Commençons par le 1er, la croissance ou la décroissance de l’entreprise. Surtout si elles sont rapides. Elles obligent l’entreprise à faire évoluer ses besoins organisationnels dans des délais courts.

Et ces évolutions sont potentiellement, et c’est malheureusement fréquent, dans une direction en décalage ou en dissonance avec ce qui fait sa culture originelle.

Les processus sont révisés aussi vite qu’on les pense, les normes et les prescriptions évoluent et les points de repère volent en éclat. Les piliers qui forgeaient la culture du corps social sont alors secoués en permanence. Ces secousses créent des interprétations et des compréhensions du projet, de son sens et de l’ambition souvent discordantes.

Et alors chacun voit midi à sa porte d’une part et midi à quatorze d’autre part.

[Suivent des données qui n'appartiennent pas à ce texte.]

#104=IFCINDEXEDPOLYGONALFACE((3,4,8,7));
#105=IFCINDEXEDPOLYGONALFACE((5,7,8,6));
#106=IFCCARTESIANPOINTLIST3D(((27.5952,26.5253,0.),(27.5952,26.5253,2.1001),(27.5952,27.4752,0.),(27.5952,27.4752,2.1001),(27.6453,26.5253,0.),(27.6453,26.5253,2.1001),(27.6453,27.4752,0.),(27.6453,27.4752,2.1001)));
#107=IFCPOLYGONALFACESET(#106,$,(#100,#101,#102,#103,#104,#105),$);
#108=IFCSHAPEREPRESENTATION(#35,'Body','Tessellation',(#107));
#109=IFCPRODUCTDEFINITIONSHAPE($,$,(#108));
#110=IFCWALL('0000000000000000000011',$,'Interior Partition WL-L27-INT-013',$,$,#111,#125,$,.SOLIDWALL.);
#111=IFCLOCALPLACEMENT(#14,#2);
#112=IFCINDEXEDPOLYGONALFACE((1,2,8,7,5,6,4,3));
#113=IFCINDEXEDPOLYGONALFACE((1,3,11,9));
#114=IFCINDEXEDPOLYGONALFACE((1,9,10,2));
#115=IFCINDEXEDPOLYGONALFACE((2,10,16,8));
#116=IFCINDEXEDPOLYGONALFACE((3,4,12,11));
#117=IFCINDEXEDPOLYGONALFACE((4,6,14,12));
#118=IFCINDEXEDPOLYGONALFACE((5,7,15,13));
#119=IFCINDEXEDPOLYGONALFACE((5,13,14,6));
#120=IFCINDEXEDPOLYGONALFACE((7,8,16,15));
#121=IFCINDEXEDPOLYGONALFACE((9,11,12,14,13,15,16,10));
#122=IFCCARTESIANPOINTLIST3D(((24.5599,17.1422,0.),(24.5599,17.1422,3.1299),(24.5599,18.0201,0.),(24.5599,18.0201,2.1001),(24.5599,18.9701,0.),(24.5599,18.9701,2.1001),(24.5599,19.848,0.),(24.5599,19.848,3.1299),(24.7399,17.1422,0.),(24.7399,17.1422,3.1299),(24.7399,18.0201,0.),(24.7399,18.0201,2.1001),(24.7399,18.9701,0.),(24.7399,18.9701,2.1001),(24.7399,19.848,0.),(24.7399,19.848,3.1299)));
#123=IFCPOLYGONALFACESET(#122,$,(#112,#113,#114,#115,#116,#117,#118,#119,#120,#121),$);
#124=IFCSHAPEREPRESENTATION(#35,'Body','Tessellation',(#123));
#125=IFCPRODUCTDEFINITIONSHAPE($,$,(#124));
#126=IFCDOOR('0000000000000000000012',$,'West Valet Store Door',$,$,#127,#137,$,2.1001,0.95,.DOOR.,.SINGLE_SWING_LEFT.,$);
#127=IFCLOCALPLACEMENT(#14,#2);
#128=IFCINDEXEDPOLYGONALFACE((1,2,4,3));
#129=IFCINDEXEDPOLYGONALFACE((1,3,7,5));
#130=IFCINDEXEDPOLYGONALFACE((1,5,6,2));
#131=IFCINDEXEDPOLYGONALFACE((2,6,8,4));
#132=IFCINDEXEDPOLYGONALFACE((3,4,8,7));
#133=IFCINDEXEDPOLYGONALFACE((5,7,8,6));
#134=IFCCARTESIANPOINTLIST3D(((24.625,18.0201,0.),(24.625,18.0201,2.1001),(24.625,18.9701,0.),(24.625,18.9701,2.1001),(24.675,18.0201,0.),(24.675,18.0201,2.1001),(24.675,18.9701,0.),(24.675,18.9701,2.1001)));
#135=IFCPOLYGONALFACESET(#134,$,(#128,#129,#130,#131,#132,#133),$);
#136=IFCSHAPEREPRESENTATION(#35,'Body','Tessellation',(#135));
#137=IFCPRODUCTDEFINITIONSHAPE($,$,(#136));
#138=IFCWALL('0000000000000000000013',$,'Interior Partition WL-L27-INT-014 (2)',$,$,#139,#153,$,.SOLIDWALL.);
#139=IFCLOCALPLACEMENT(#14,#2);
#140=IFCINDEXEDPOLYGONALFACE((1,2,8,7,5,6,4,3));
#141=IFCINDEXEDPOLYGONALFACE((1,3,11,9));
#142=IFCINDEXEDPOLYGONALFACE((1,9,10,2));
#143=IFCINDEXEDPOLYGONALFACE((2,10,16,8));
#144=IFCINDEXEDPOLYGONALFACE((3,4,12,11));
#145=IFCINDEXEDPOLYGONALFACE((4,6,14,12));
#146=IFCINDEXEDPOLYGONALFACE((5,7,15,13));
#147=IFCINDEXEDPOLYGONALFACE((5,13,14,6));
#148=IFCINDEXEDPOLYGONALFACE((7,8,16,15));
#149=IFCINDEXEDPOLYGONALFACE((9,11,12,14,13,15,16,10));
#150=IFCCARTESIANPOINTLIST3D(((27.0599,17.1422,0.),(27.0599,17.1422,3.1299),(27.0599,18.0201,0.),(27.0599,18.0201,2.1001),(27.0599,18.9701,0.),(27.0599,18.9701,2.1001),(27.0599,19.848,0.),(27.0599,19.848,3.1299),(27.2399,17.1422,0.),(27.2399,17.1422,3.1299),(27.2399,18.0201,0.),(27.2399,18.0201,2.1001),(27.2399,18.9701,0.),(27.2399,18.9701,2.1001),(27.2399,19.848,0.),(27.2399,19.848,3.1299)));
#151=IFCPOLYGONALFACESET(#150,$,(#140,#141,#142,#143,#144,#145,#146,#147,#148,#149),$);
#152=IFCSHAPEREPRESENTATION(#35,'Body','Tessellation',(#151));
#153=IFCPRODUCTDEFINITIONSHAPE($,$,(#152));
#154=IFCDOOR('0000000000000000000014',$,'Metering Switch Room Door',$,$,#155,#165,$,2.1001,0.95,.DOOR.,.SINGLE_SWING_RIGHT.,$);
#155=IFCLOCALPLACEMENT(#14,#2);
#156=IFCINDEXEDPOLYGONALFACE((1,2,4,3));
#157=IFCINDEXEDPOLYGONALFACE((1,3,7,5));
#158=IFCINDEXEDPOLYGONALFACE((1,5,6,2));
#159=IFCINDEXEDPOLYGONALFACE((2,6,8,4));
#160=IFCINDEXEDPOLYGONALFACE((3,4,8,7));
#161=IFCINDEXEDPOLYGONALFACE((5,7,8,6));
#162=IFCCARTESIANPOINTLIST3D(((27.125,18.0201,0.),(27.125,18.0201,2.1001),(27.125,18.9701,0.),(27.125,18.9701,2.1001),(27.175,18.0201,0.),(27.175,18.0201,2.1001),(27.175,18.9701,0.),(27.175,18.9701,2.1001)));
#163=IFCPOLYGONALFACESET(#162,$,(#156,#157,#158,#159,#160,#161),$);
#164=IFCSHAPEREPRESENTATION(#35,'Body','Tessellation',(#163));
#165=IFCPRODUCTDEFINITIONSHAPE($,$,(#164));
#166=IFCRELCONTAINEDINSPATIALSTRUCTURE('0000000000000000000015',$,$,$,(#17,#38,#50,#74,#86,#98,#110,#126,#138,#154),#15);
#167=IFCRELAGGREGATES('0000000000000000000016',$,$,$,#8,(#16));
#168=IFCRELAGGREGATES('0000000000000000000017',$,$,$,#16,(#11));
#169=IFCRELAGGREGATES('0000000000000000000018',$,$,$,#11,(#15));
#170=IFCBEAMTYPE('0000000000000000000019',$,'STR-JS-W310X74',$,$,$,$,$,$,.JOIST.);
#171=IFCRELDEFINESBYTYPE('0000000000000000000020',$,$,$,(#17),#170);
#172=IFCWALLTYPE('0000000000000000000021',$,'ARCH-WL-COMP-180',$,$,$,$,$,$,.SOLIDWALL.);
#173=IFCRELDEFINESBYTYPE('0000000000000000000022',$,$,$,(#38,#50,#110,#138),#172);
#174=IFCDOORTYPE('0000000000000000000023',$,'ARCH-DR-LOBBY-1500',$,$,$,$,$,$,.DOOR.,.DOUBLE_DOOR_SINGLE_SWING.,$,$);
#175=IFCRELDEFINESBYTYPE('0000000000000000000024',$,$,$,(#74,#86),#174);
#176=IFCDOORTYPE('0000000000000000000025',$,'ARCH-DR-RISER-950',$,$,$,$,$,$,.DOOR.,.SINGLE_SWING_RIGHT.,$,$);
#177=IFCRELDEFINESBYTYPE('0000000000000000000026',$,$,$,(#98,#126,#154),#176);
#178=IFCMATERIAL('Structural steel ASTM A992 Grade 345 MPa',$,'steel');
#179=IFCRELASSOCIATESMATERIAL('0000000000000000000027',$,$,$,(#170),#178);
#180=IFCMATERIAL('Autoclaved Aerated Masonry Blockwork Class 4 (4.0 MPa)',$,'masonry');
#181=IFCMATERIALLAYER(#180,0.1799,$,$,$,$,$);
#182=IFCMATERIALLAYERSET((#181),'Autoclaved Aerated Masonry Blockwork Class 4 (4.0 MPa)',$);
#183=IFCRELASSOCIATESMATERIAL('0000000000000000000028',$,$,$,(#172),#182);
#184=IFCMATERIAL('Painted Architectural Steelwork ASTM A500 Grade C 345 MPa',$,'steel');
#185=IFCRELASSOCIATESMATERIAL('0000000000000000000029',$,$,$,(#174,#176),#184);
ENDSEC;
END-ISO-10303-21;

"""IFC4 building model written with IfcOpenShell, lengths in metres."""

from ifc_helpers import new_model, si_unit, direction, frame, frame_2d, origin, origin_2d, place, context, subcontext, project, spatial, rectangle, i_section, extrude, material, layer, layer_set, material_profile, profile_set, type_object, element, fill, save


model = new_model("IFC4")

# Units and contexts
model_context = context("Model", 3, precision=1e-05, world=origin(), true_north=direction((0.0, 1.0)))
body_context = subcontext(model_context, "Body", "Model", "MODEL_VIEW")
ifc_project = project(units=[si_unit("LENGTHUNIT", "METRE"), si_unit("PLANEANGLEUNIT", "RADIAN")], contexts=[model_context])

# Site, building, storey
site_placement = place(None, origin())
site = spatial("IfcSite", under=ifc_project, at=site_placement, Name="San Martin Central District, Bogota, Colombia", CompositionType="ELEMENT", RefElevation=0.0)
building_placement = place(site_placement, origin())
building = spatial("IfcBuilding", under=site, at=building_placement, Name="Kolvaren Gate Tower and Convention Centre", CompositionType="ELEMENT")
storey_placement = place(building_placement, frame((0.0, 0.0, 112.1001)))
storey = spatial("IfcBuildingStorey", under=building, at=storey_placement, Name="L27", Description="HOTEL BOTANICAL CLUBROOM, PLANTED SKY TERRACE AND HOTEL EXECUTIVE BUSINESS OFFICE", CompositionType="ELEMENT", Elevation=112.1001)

J’interprète ces secousses et je me fais des nœuds au cerveau. La grande horloge en est déréglée. Les représentations communes qui faisaient notre culture se diluent dans les tiraillements internes et les interprétations que les changements incessants de l’activité qui croît ou décroît.

Que dire surtout lorsqu’elle décroît au risque de faire peser le spectre d’un avenir inexistant… On a une culture forte, partagée et soudée mais on sait bien que la maison-mère n’investit plus sur notre activité et qu’elle est condamnée à décroître.

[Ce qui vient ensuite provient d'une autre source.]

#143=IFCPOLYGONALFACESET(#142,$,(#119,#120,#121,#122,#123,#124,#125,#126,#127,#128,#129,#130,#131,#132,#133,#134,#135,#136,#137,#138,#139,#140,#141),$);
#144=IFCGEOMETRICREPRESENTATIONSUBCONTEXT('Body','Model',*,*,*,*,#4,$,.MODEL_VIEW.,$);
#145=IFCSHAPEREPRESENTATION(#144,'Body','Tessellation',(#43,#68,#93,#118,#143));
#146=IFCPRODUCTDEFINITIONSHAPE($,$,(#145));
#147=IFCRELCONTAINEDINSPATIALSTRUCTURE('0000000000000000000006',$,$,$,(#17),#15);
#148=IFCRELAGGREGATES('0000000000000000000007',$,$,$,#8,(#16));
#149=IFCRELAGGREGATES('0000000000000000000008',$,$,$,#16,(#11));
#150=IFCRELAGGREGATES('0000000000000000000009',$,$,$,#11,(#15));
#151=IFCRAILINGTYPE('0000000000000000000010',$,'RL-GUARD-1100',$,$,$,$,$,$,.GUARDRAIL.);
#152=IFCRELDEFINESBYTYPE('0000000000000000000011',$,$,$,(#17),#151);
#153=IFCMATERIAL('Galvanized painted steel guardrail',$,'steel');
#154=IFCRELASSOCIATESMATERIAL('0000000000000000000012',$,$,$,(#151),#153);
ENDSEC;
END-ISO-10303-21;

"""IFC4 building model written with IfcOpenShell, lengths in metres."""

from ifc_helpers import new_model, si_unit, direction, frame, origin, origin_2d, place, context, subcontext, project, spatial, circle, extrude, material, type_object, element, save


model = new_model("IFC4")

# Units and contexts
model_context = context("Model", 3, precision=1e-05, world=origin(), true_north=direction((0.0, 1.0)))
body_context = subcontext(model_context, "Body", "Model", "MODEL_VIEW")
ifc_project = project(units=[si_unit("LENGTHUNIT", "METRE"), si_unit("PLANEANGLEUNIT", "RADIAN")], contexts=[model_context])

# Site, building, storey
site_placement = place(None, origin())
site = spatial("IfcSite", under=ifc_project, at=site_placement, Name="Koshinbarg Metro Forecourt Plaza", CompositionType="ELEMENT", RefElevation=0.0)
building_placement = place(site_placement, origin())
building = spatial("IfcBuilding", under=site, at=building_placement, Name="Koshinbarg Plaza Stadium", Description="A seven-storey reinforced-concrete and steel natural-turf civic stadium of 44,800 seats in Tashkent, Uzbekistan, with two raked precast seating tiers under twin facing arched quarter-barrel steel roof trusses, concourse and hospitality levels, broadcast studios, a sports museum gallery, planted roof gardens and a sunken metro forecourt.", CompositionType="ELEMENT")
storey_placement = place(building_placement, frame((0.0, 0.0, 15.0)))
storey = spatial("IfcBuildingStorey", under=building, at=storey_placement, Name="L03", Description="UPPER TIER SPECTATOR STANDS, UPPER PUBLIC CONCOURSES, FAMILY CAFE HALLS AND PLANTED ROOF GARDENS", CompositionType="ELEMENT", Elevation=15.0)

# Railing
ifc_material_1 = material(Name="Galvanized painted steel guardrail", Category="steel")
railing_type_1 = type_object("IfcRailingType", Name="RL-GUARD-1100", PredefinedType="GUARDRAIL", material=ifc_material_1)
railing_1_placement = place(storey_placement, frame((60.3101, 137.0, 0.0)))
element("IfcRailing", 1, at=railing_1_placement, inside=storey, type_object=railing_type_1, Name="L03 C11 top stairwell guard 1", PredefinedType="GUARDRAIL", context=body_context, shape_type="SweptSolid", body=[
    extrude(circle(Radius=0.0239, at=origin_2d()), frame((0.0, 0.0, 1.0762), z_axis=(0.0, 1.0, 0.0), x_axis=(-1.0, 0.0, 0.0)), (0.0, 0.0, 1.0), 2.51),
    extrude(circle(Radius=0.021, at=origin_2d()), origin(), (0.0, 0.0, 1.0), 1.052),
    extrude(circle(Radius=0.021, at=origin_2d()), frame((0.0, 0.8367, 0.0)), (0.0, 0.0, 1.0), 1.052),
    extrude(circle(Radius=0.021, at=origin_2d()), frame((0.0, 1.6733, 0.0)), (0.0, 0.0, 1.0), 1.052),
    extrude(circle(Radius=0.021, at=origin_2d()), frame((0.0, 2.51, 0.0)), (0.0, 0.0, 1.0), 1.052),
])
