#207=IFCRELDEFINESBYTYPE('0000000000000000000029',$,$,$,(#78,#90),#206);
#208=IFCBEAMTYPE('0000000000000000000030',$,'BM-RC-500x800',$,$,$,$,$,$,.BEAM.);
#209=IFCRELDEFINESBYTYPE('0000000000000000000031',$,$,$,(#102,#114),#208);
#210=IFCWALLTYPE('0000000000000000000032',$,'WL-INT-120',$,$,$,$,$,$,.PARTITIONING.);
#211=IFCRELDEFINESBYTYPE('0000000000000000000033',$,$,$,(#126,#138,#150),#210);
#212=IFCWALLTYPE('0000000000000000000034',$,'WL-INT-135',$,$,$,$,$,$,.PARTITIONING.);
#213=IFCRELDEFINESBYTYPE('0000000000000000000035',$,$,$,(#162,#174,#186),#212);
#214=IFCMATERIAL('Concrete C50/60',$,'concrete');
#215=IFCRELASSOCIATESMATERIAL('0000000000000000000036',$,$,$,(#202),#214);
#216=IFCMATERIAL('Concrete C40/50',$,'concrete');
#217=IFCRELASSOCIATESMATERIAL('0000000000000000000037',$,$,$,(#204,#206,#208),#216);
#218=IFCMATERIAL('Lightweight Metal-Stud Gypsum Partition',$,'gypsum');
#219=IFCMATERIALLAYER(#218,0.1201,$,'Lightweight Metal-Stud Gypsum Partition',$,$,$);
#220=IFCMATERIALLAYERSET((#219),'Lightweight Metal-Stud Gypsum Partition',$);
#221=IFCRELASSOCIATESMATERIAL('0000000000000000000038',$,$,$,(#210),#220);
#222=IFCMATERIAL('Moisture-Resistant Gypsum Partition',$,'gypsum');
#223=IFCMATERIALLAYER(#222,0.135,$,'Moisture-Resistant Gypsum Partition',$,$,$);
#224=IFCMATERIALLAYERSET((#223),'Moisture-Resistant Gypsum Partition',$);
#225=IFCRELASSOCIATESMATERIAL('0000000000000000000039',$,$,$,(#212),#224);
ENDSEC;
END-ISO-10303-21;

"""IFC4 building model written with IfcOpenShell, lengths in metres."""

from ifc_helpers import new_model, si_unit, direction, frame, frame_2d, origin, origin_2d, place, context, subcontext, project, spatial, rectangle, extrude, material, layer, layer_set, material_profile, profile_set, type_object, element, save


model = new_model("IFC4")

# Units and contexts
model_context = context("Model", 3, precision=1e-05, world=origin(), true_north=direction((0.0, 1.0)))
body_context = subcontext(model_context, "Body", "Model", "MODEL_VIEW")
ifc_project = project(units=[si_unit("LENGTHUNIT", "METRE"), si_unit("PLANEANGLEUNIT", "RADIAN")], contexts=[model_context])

La deuxième dimension. Le cas de l’entreprise qui en rachète successivement d’autres ou bien celui d’une fusion. Cela pose à l’évidence une problématique particulière : comment favoriser l’émergence d’une culture commune, dont on sait que cela ne peut être que le fruit de ce que l’on est, tout en l’orientant dans une direction que l’on juge souhaitable ?

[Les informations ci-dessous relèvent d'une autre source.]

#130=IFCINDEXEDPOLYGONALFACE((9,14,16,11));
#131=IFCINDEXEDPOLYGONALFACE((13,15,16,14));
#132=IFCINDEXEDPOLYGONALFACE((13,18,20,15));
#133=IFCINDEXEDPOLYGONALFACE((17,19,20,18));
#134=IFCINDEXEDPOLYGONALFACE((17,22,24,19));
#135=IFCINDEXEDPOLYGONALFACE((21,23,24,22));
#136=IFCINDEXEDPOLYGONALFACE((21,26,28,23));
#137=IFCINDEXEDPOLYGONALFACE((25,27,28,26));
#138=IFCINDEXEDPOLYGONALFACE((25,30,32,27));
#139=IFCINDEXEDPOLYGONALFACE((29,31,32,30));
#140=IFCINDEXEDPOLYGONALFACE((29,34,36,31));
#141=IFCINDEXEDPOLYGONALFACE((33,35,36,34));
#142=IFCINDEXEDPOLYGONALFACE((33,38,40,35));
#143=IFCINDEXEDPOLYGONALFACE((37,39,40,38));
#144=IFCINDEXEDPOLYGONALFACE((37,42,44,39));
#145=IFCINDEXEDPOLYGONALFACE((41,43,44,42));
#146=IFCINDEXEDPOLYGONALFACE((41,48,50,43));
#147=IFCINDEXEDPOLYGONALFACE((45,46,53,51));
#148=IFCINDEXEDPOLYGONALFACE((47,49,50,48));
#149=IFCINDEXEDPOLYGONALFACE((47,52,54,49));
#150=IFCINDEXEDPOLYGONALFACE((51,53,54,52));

Lorsqu’il faut rapidement et régulièrement « intégrer » – avec tous les guillemets qui s’imposent autour de ce mot – des entités dont les projets respectifs et les cultures sont parfois très différents, l’exercice est une gageure.

D’autant plus qu’il n’est pas rare que ces entités qu’on intègre soient elles-mêmes très attachées à ce qui fait leur histoire commune et que cela se renforce à mesure qu’elles sont plongées dans un autre univers.

Ou l’inverse, quand l’acquéreur par exemple renforce les cloisonnements autour de sa culture, vécue comme « originelle » face aux « invasions » des entités rachetées qui viennent en choquer les étais. Combien de fois dans une entreprise as-tu entendu l’expression « canal historique » pour désigner la vraie culture, du moins comme le pensent ceux qui étaient là avant !

Enfin, l’entreprise internationale est aussi confrontée à des difficultés qui lui sont propres. L’éclatement de la structure est en effet amplifié de la dimension géographique et des différences culturelles dont elle peut être porteuse.

D’abord, la force du projet comme ciment de la coopération s’effrite par nature dans l’éclatement géographique local. Va faire vivre la flamme de ta grande ambition mondiale, surtout quand elle réside plus dans une devise que dans une réalité partagée, pensée du haut du 28ème étage d’une tour qui domine la planète

Jusqu’à l’opérateur dans une usine à l’autre bout du monde dont la réalité quotidienne est, comment dire, un peu différente ?…

Ou même tout simplement au patron ou à la patronne de ta filiale qui sent bien que ses marges de manœuvre se limitent à du reporting sur le headcount dans un fichier Excel et sont surtout proportionnelles au P&L qu’il ou elle remonte au headquarter.

Et puis, le sentiment d’appartenance qu’on pourrait espérer se heurte souvent à la réalité de pratiques communes qui ne sont pas homogènes d’un pays à l’autre. Or, lorsque les uns ont l’impression de ne pas être « traités » comme les autres, il est difficile de faire vivre ce sentiment, même en présence d’une vision claire, partagée et fédératrice.

Bref, on le voit, le chemin de la transformation culturelle est long et semé d’embûches. Mais  parfois il est aussi plus difficile quand les chaussures que l’on a ne sont pas les mieux adaptées à la route que l’on veut parcourir.

En résumé, une transformation culturelle est une démarche dont la difficulté ne provient pas uniquement du temps long qu’exige l’humain. Certaines caractéristiques liées à l’entreprise elle-même peuvent ainsi la renforcer. C’est par exemple le cas d’une croissance ou décroissance rapide, du rachat ou de fusions d’entreprises ou de la dimension internationale.

J’ai bon chef ?

Oui tu as bon mais on ne va pas en faire tout une histoire.